The Guv'nor finds George Arliss not playing in one of his heroic
biographical films for which his reputation has come down to the
present day. Instead he's playing a gentleman tramp over in Paris who
happens to have the famous name of Francois Rothschild. Ironic because
one of Arliss's most famous biographical roles was that of Nathan
Rothschild in House Of Rothschild.
Poor Arliss, all he wants to do is go south for the winter. But he becomes part of a scheme by banker Frank Cellier to fleece Viola Keats and her mother Henrietta Watson out of their iron ore works because of his name. But Arliss proves way too smart for all of them.
I'm really glad I discovered this film on TCM today. It was an absolutely charming portrayal by Arliss, very much in the same vein as Maurice Chevalier in Ma' Pomme and Cary Grant in Father Goose. Let's just say that Arliss plays his famous name for all that it's worth and he proves more than a match for those who want to use him.
Do not miss this one if it is broadcast again.
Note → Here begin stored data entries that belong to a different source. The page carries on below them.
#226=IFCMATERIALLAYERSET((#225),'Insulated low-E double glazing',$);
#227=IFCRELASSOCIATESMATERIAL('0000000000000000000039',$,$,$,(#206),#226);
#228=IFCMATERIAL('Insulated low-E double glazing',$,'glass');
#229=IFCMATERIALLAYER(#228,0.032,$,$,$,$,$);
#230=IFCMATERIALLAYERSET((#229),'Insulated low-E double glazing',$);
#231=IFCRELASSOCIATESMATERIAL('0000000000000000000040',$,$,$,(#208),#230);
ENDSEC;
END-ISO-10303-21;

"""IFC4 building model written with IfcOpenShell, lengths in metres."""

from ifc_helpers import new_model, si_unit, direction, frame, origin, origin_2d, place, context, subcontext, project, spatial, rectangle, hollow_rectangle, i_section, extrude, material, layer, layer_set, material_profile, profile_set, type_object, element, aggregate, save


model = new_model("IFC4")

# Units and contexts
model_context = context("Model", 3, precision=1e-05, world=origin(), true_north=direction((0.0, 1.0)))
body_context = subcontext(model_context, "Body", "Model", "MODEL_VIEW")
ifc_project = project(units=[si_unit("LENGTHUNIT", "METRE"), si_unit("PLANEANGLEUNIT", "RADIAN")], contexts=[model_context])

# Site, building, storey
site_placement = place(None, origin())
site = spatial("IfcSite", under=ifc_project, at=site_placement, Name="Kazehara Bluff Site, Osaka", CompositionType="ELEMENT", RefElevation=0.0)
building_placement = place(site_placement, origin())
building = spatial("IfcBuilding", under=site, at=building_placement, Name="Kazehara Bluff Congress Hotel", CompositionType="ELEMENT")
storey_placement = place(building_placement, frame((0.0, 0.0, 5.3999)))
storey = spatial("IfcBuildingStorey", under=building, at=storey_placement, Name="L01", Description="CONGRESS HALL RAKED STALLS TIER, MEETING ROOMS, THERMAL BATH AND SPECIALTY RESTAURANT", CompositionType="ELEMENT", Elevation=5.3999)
I recognized George Arliss from "Disraeli" (He starred in both the silent 1921 version and the talkie 1929, with his wife Florence, no less. Won an Oscar for the 1929 role.) "The Guvnor" opens with Barsac the banker (Frank Cellier) discussing a scheme that might help him get out of a mess, and make some quick money at the same time. Send in Arliss as the hobo. (They were willing to work for food back then...) The hobo, whose last name just happens to be "Rothschilde", befriends Madelaine, a young lady about to lose her home. The hobo manages to be in the right place at the right time, and ends up in a position where he can try to help out Madelaine and her family. Frank Cellier was the Sheriff in Hitchcock's "39 Steps". Also take note of Paul, the rep from the bank, Patric Knowles. Knowles was a little fish in some huge films in the 1930s and 1940s. Directed by Milton Rosmer, who seems to have done things in reverse - he stopped writing and directing in 1938, and acted until 1956. Made by Gaumont Studios, its not just a "quota film" from the Cinematography Act; its actually quite good, and 80 minutes long in the Turner Classics version. Acc to IMDb, the original was 88 minutes... wonder what was so horrible that eight minutes had to be chopped off. The film production code was just being phased in here in the US, but the rest of the film seems quite tame and innocent. Tramps toying with the rich were all the rage in the US in the 1930s (Merrily we Live, My Man Godfrey), and this is right up there with the best of them.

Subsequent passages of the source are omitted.